Je ne dirais pas “chorégraphié” car il n’y a pas de danse ou de mouvements mais j’ai réfléchi au concept en effet. J’ai travaillé dessus avec mes musiciens qui sont hyper talentueux et j’ai essayé de les mettre à l’honneur. C’est vraiment une fierté d’être entouré d’artistes aussi doués.

Je me rappelle très bien de ton concert au Pitchfork Music Festival en 2015, il y avait un jeu d’ombres et de lumières.

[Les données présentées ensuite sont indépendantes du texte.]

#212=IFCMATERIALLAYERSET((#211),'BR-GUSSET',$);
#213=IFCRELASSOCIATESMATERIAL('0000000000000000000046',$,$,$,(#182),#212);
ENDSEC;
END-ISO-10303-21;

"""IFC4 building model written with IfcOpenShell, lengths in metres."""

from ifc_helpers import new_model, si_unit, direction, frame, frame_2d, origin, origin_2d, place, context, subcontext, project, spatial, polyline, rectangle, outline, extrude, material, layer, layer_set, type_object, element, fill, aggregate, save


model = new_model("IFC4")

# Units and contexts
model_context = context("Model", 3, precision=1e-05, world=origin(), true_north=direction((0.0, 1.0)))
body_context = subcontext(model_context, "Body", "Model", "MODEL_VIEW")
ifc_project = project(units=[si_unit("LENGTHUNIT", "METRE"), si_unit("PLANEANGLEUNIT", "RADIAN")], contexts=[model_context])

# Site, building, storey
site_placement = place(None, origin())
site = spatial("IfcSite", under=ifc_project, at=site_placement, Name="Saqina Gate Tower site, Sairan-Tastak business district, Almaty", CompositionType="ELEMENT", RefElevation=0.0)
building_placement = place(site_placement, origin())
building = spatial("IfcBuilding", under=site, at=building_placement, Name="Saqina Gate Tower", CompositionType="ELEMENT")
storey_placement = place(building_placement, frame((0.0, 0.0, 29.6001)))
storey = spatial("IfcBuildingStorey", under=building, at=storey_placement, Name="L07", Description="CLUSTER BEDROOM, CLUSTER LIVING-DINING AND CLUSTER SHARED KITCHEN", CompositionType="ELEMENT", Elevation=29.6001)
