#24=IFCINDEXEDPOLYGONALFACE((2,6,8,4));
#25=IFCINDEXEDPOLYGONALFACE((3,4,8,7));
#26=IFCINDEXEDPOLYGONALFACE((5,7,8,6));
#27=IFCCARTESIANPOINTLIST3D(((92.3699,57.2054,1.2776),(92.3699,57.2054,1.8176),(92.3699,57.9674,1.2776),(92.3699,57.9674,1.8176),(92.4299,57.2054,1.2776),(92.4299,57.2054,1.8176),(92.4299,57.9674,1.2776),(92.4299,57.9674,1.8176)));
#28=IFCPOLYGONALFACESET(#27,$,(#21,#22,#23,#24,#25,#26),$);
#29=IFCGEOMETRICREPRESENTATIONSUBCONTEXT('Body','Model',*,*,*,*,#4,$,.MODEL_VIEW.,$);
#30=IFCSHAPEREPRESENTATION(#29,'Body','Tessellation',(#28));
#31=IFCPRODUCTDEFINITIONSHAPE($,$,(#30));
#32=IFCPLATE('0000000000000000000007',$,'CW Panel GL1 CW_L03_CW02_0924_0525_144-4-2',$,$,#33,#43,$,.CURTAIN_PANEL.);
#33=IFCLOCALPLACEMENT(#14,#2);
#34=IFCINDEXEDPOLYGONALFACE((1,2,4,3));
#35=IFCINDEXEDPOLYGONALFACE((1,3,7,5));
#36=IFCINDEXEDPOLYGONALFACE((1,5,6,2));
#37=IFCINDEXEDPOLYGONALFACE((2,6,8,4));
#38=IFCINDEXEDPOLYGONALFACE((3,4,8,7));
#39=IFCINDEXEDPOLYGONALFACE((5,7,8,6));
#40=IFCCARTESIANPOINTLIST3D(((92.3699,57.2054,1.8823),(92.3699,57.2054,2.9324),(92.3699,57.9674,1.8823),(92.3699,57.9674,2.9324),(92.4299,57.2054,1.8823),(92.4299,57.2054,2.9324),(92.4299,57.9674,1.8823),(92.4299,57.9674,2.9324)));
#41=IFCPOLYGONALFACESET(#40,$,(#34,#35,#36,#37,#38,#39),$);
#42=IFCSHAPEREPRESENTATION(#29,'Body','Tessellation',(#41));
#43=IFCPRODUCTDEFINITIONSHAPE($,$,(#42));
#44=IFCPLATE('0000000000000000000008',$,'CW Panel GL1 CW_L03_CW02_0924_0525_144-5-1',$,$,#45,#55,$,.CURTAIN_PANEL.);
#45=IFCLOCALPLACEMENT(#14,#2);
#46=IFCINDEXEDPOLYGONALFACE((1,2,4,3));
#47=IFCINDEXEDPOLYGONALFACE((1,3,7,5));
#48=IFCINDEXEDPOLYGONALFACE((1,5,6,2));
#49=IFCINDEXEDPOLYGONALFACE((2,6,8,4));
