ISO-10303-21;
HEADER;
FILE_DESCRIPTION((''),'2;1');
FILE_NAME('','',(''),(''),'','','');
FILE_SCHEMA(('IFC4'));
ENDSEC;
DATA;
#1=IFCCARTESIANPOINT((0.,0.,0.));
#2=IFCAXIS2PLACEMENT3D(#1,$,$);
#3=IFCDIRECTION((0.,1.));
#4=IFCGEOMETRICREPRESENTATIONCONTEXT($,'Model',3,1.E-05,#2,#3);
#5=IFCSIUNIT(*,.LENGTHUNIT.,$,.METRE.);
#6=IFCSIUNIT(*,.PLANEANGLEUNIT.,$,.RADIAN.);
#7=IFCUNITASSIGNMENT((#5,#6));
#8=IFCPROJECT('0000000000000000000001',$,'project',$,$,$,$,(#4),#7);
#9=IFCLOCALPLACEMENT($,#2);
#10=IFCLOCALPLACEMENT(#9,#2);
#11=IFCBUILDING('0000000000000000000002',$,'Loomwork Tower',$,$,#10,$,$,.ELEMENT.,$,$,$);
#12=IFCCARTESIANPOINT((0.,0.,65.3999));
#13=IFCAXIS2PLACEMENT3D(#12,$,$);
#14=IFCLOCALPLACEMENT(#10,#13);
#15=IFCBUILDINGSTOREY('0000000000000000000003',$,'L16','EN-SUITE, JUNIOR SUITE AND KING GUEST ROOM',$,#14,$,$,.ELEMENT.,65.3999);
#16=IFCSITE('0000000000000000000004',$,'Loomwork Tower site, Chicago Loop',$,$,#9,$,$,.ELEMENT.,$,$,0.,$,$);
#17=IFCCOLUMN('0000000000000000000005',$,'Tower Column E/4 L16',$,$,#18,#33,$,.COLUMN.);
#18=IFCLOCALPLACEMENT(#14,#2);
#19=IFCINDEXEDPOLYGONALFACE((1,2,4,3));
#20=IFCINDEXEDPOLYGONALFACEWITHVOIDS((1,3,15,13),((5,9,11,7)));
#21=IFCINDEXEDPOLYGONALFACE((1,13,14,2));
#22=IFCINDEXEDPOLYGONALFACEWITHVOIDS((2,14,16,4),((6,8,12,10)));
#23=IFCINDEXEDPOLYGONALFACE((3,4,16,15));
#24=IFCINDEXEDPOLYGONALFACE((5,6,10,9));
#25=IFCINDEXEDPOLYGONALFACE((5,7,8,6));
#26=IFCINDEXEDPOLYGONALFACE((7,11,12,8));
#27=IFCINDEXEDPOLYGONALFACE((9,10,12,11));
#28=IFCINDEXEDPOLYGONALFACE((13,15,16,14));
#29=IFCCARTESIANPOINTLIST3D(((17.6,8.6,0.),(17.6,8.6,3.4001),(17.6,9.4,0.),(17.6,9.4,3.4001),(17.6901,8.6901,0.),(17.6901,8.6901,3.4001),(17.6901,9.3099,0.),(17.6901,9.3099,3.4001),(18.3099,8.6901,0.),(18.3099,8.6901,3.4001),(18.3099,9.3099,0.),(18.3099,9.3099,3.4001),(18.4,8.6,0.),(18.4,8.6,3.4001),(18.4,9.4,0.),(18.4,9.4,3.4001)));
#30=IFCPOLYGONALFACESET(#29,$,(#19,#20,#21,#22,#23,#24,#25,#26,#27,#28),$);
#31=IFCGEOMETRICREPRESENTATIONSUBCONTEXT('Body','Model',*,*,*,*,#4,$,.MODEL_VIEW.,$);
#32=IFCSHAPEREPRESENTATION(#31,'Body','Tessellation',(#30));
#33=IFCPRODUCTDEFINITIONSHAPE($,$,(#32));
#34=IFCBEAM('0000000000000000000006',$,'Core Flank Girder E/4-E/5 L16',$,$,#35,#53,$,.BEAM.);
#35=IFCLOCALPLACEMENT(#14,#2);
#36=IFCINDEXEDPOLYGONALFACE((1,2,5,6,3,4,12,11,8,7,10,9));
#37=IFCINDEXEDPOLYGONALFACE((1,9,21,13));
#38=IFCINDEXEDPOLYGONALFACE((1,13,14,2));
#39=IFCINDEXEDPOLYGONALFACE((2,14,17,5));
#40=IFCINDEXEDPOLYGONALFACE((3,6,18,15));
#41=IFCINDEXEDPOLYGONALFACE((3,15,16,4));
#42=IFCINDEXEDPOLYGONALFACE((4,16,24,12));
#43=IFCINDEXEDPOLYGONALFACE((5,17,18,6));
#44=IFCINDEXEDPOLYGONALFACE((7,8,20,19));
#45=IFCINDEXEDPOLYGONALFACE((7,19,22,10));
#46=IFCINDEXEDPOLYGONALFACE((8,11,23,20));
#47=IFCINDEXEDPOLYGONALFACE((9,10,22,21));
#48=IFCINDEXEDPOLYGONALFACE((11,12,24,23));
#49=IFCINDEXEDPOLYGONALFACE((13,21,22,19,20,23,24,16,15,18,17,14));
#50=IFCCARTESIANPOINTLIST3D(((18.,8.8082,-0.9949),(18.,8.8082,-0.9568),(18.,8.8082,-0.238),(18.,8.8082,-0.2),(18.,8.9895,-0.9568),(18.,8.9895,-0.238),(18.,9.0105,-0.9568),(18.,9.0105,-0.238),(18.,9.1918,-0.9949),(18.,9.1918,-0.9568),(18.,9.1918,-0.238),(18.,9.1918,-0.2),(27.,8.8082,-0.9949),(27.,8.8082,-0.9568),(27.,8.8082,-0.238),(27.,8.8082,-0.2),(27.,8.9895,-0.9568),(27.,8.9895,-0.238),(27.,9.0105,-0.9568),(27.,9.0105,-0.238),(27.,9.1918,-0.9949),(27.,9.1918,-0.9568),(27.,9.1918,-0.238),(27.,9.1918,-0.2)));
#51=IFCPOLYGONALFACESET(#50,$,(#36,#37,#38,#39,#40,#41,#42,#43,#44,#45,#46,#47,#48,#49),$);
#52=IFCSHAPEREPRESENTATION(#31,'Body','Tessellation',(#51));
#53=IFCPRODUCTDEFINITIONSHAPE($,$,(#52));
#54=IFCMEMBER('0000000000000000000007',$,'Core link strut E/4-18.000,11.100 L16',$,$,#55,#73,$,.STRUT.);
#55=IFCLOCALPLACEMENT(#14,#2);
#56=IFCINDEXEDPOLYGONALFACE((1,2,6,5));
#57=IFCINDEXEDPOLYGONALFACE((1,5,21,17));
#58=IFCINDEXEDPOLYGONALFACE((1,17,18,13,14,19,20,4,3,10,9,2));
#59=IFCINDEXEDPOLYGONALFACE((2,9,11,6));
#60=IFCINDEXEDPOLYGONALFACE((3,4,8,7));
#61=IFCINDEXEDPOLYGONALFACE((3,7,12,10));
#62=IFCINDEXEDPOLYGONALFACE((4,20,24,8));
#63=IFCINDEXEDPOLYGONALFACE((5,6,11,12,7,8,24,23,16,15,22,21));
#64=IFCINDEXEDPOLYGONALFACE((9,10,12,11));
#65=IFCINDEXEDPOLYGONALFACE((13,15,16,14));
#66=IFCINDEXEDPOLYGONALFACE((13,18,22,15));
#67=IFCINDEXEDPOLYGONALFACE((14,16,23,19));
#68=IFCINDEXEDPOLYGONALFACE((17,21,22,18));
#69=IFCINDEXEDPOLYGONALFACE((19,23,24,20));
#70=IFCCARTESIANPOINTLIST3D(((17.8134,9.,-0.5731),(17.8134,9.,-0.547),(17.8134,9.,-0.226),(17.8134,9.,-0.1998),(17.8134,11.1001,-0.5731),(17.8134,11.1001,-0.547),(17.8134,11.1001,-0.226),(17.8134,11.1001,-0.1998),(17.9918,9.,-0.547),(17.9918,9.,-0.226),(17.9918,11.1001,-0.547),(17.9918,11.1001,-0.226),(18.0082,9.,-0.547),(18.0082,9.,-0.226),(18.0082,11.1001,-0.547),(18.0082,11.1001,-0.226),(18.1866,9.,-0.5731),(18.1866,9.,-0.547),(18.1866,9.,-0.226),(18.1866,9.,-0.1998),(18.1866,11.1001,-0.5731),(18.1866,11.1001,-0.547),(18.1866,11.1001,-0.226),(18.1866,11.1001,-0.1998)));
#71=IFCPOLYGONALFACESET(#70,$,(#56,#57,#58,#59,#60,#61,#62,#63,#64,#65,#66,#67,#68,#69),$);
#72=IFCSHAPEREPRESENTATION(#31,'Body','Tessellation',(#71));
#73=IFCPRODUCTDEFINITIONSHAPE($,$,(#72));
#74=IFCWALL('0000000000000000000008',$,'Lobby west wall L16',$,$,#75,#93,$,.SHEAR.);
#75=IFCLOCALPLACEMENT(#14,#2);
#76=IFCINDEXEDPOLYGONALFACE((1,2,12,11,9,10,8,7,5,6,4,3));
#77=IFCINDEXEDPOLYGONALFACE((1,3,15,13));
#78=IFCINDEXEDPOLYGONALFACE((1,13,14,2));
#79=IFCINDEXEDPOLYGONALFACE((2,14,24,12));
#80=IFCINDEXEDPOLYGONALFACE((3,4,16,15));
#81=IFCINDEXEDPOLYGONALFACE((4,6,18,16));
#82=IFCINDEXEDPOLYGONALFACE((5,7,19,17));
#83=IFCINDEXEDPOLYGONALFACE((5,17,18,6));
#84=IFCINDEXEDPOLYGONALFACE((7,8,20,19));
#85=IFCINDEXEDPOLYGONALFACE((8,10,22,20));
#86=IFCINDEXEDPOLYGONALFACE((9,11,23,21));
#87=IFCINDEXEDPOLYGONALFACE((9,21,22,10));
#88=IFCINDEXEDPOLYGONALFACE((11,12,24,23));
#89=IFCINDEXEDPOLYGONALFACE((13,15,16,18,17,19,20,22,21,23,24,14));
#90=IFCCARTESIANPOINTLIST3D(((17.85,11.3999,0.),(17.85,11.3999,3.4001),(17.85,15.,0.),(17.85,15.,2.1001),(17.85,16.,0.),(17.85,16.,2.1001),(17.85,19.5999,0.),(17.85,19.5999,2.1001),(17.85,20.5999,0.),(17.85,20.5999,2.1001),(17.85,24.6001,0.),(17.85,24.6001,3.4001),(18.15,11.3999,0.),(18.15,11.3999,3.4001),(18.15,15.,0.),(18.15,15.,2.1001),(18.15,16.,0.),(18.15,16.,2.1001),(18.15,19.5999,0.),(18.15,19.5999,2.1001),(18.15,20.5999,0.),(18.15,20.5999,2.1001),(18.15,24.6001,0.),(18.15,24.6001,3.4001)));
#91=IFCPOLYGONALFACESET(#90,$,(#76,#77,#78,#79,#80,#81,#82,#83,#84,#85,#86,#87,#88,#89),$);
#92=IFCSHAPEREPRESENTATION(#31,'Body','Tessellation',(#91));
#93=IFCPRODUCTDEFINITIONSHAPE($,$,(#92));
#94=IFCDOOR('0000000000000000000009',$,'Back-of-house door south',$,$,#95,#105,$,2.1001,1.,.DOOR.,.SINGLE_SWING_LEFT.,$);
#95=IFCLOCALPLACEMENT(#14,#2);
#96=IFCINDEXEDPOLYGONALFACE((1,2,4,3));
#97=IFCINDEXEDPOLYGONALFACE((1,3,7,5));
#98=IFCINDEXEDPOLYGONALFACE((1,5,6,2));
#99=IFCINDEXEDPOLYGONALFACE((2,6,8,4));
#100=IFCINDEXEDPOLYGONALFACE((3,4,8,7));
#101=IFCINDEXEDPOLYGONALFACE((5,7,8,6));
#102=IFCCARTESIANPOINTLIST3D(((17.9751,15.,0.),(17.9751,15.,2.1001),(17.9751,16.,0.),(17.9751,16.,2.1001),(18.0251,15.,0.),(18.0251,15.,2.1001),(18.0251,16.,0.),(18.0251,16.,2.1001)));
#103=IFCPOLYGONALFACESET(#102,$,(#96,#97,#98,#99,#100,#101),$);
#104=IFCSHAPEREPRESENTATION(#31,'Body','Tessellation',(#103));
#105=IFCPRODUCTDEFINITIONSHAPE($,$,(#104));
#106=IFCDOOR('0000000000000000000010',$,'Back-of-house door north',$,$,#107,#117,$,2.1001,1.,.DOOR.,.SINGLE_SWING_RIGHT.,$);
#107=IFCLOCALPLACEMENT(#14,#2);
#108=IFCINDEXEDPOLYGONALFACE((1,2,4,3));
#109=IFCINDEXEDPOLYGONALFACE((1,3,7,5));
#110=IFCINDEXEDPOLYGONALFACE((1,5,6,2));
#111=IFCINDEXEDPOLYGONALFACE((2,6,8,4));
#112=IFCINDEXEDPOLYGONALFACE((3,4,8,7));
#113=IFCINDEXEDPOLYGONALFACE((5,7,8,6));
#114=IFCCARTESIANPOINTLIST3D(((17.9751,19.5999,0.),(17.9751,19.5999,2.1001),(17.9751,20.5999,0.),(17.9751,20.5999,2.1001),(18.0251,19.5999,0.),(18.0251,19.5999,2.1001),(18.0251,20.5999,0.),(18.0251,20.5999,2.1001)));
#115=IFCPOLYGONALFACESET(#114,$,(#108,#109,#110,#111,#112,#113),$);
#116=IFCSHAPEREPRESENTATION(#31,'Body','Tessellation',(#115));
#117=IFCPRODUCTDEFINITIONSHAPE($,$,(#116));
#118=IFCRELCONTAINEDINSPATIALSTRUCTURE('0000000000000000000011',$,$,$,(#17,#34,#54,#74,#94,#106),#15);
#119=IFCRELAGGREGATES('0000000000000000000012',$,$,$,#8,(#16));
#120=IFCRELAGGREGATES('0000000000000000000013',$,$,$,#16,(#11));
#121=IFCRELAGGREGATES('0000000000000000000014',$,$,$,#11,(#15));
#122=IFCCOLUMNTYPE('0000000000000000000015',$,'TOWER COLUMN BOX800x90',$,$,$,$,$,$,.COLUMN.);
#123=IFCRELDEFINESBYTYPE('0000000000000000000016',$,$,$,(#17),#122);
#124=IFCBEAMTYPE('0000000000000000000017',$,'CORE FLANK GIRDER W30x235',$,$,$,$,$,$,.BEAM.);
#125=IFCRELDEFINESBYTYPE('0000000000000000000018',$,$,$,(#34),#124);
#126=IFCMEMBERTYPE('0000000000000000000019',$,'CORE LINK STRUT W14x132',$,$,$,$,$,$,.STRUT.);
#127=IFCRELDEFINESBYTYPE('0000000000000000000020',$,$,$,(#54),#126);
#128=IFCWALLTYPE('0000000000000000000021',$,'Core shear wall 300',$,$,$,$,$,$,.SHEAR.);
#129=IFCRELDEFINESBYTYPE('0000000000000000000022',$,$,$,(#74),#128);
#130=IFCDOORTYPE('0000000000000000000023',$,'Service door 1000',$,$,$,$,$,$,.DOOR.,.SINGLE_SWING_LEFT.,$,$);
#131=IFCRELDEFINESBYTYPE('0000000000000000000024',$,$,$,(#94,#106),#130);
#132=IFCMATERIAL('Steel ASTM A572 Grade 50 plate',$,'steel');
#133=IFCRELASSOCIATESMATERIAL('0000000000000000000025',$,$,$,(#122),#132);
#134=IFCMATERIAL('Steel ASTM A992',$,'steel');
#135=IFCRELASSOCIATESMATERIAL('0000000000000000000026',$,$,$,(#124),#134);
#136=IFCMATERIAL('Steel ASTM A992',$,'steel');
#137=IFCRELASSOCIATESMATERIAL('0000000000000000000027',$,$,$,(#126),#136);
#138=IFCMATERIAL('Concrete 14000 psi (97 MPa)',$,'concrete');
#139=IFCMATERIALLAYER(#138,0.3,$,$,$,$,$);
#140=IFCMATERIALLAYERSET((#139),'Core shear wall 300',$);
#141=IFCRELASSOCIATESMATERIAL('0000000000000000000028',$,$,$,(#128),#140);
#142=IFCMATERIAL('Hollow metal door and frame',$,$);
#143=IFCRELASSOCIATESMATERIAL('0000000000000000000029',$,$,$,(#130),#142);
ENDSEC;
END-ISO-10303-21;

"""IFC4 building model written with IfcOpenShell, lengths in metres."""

from ifc_helpers import new_model, si_unit, direction, frame, frame_2d, origin, origin_2d, place, context, subcontext, project, spatial, rectangle, hollow_rectangle, i_section, extrude, material, layer, layer_set, material_profile, profile_set, type_object, element, fill, save


model = new_model("IFC4")

# Units and contexts
model_context = context("Model", 3, precision=1e-05, world=origin(), true_north=direction((0.0, 1.0)))
body_context = subcontext(model_context, "Body", "Model", "MODEL_VIEW")
ifc_project = project(units=[si_unit("LENGTHUNIT", "METRE"), si_unit("PLANEANGLEUNIT", "RADIAN")], contexts=[model_context])

# Site, building, storey
site_placement = place(None, origin())
site = spatial("IfcSite", under=ifc_project, at=site_placement, Name="Loomwork Tower site, Chicago Loop", CompositionType="ELEMENT", RefElevation=0.0)
building_placement = place(site_placement, origin())
building = spatial("IfcBuilding", under=site, at=building_placement, Name="Loomwork Tower", CompositionType="ELEMENT")
storey_placement = place(building_placement, frame((0.0, 0.0, 65.3999)))
storey = spatial("IfcBuildingStorey", under=building, at=storey_placement, Name="L16", Description="EN-SUITE, JUNIOR SUITE AND KING GUEST ROOM", CompositionType="ELEMENT", Elevation=65.3999)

Je ne peux pas utiliser de lumières vives. Quand j’étais jeune, j’ai développé une forme intense de synesthésie et je ne supporte plus les flashs depuis.

 

Nous avons déjà brièvement mentionné ta compagne, Geneviève Medow Jenkins. En creusant un peu sur internet, j’ai découvert qu’elle était la fondatrice d’Ambient Music For The Secular Sabbath, un projet mondial ayant pour but de réunir les gens autour d’une soirée/expérience multisensorielle et fédératrice. Tu as d’ailleurs participé à une de ces expériences au côté de Ry X et Lo Fang au Laguna Beach. Comment s’est déroulée cette soirée ?

C’était une soirée vraiment géniale ! J’ai adoré la prestation de Mat [Lo Fang] au violoncelle. Il a chanté, dansé, c’est un super danseur !  Il était accompagné de deux incroyables danseuses. Ry X est aussi un artiste incroyable. Ce sont tous les deux de très bons amis ! J’ai profité de l’occasion pour leur proposer de me rejoindre et on a donc chanté tous les trois, sans micro, en marchant au milieu du public qui était allongé au sol. C’est une expérience unique !

Vous devriez proposer une soirée de ce type sur Paris !

On aimerait beaucoup, il faut juste trouver le lieu idéal !

 

Je te propose de terminer cette interview par un jeu. Je vais te donner des débuts de paroles de chansons connues et tu les compléteras avec tes propres mots.

All I want for Christmas is … a dragon, which is a camera! – Tout ce que je souhaite pour Noël c’est… un dragon, c’est une caméra !

When I find myself in times of trouble … I silence myself and I press myself into a creative mood. – Quand je suis dans une mauvaise passe… je réprime ce sentiment et me met en mode créatif.

If you wanna be my lover you gotta … give. – Si tu veux sortir avec moi tu dois… donner.

I’m up all night to … it’s ok, I’ll cry with you. – Je reste éveillé toute la nuit pour… ça va aller, je pleurerai avec toi.

I can’t live if living is without … foods that nurture, bring and give love. Je ne peux pas vivre sans… des mets qui nourrissent, apportent et donnent de l’amour.

But we are living in a material world and I am … not a material guy! Mais nous vivons dans un monde matérialisete et je … ne suis pas un mec matérialiste !

You gotta fight for your right to … live. – Tu dois te battre pour ton droit à… vivre.

RHYE

NB : Initialement prévu le 23 mars au Trabendo, le concert de Rhye est déplacé à l’Elysée Montmartre.